Is this really worth while? It seems quite imprecise - example:
pdf_realloc
Test: pdf_realloc_001
Reallocate some bytes.
Success condition
The call should not produce an error.
It would be better to express some initial conditions, a set of interesting
variations (realloc smaller, realloc same size, realloc larger), and then
check it actually worked (not just that the error handling is turned off :-))
At this level, expressing the test in C would seem better.
I am not saying that there shouldn't be a test plan / spec, just that it
should be at a higher level - expressing goals rather than detail:
* Goal: all functions should have unit tests that verify correct operation.

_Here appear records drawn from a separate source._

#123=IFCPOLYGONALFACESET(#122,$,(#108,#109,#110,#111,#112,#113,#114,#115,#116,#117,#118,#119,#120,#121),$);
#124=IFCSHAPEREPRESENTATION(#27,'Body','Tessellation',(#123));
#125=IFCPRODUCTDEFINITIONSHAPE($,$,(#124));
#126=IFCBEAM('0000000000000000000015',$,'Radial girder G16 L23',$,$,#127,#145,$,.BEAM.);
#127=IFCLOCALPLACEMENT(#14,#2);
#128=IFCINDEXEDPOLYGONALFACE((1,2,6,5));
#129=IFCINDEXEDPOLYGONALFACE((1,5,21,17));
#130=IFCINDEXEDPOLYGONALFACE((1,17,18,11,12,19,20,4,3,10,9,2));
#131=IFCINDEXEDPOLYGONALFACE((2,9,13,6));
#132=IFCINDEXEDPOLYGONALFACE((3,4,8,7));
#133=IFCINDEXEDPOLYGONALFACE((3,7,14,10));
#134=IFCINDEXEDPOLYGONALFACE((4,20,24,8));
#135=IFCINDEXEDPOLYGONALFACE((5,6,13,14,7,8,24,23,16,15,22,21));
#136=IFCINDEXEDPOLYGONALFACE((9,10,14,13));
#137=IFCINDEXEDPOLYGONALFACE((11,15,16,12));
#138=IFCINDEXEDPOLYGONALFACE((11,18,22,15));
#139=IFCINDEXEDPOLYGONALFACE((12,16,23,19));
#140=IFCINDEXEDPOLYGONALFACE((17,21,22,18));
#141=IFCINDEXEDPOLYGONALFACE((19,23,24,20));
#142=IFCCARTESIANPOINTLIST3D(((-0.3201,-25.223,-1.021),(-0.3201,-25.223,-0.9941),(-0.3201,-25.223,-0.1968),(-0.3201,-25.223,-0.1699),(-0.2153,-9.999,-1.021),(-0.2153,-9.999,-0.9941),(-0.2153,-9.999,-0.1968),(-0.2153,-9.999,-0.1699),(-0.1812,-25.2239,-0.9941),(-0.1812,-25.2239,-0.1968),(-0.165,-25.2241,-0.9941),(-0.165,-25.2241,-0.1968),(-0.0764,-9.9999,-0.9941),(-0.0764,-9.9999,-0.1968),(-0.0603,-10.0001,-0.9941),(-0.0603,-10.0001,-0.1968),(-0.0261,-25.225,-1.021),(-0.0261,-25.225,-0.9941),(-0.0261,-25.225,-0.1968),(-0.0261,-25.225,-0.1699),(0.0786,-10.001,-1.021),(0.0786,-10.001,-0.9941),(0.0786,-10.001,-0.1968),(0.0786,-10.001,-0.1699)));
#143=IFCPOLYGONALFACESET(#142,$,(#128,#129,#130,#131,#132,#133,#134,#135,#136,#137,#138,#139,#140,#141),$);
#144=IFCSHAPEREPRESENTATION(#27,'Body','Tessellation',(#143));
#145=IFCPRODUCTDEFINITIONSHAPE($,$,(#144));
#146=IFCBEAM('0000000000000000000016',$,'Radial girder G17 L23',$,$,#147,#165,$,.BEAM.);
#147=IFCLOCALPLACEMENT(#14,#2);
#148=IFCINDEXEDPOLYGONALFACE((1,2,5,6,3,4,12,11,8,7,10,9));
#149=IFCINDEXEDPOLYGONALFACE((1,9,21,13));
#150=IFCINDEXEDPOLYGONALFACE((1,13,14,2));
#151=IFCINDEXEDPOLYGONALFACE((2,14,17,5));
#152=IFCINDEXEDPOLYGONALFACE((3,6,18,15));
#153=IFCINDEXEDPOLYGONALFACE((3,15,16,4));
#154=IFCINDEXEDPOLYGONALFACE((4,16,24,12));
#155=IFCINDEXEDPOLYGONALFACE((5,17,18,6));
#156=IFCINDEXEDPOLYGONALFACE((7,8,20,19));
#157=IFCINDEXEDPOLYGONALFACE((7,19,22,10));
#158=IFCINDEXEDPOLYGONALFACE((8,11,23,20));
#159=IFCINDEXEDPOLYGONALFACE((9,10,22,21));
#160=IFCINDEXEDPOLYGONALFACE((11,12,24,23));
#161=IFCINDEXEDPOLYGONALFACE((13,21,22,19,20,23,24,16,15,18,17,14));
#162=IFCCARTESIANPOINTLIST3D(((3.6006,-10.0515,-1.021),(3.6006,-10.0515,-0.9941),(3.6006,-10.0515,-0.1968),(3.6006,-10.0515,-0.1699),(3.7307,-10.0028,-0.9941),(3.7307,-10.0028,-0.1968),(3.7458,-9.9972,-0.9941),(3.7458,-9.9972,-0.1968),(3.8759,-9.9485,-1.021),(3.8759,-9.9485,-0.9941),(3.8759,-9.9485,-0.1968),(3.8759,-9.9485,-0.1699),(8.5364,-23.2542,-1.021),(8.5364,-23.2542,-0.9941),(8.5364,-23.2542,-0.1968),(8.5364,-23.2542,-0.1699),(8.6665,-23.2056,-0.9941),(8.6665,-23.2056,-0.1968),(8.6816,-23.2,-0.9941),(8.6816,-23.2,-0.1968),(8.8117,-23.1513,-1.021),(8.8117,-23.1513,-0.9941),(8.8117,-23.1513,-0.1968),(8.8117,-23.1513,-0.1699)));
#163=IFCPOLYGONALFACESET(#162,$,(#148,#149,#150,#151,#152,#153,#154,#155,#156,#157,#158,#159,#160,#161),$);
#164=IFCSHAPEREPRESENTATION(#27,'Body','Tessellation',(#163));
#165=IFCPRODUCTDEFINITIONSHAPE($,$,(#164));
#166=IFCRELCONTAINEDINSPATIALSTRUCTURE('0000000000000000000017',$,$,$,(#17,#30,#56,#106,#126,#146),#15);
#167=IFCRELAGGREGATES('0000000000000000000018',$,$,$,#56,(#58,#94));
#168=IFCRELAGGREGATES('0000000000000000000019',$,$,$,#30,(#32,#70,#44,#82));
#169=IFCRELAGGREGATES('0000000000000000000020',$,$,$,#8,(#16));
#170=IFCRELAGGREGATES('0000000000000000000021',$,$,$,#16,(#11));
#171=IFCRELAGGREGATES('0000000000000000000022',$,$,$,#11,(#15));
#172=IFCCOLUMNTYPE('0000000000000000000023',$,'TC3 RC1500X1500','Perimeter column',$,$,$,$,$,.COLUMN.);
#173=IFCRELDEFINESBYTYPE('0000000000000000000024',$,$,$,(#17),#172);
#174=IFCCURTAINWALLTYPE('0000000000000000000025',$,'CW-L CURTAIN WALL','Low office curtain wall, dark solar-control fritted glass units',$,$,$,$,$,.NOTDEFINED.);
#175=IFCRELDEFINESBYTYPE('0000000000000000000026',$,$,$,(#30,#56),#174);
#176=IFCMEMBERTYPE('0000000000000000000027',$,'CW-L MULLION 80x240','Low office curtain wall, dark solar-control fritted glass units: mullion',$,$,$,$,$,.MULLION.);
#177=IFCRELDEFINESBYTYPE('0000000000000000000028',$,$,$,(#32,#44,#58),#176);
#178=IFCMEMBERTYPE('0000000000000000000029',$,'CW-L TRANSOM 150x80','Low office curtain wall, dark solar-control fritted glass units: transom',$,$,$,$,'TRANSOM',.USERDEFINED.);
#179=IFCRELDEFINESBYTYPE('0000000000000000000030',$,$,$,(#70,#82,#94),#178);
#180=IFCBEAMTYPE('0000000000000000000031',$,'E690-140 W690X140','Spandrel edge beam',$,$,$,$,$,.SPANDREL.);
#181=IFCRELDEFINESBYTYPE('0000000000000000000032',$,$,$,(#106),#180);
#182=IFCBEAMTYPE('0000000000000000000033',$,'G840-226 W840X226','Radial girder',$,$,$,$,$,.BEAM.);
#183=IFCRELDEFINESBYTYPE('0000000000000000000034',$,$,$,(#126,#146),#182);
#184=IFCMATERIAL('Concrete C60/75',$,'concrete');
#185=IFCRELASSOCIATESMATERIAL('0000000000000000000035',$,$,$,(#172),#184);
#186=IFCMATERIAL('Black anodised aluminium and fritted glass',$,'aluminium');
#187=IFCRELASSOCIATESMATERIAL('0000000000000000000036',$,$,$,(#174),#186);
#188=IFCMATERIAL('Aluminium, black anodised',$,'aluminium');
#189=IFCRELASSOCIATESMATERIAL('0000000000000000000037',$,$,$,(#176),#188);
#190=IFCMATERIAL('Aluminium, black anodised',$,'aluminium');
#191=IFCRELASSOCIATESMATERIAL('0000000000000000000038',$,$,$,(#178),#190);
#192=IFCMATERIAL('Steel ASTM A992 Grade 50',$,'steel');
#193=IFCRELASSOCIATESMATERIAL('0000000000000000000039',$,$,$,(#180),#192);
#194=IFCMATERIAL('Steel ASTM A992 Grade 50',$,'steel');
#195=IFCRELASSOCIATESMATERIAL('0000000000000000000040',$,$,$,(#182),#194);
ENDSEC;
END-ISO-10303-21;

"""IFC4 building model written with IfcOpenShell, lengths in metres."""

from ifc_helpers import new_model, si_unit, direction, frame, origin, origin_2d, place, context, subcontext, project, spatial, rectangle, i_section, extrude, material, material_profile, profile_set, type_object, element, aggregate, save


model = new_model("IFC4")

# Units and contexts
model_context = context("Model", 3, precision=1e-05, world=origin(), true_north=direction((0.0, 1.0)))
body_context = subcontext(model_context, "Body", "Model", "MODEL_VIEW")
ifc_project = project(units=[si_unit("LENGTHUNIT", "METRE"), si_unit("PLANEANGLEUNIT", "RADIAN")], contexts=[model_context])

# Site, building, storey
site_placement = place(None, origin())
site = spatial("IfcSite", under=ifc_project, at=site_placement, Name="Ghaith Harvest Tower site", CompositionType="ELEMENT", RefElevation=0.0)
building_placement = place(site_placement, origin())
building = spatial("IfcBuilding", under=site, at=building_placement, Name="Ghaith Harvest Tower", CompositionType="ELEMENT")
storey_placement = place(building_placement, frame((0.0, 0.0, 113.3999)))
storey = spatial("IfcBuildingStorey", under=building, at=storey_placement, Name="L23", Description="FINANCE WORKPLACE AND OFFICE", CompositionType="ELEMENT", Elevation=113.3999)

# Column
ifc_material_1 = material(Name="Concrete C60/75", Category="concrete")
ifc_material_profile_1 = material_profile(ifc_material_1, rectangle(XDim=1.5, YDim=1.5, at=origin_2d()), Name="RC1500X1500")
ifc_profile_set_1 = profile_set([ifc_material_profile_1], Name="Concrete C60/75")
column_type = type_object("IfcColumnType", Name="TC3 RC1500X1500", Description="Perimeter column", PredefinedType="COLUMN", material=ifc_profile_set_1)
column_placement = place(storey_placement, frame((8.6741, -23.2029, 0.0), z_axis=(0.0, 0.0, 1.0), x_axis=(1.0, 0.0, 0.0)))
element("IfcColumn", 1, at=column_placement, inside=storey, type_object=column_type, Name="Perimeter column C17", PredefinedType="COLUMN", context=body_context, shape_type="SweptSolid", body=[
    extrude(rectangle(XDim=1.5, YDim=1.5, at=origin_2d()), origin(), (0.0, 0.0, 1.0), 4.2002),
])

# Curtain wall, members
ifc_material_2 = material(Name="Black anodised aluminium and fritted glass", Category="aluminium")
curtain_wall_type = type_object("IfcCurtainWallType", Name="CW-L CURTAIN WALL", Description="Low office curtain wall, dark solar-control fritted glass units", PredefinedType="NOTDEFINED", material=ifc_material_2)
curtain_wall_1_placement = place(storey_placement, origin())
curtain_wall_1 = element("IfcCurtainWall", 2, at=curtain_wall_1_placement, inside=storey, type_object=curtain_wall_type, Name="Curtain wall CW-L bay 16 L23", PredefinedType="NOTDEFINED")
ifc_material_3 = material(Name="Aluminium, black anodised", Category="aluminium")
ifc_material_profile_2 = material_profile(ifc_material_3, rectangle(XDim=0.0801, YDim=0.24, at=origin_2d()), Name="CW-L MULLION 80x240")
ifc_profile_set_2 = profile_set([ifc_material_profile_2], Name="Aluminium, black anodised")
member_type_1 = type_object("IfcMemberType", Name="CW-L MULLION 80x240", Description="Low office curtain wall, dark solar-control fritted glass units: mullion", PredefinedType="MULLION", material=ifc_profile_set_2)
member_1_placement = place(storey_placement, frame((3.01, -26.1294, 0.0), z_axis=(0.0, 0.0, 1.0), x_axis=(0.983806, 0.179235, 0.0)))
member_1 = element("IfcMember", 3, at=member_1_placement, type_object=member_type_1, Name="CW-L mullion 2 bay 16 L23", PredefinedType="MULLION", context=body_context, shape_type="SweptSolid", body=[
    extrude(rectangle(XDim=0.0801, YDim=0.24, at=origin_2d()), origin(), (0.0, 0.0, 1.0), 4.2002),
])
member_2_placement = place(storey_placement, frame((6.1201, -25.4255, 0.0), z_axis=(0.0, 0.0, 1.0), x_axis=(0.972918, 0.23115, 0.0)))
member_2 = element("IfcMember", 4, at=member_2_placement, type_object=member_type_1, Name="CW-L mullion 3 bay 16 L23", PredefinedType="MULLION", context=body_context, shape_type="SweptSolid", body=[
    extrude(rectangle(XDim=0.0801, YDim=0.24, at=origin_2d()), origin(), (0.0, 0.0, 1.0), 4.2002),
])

* Goal: all functions should have unit tests that check bad parameter
combinations result in meaningful errors.
* Goal: subsystems shall...
* Goal: systems shall...
Then write the unit tests in well commented, well structured code. Ideally use
a test harness that provides a bit of expressive power - I've used "check"
and it seems OK. CppUnit is better, as long as you are willing to tolerate
C++.
The test plan / spec could describe the test harness, and related tools (e.g.
unit tests will be run on check-in using some kind of continuous integration
tool; tests will be run nightly in valgrind; etc).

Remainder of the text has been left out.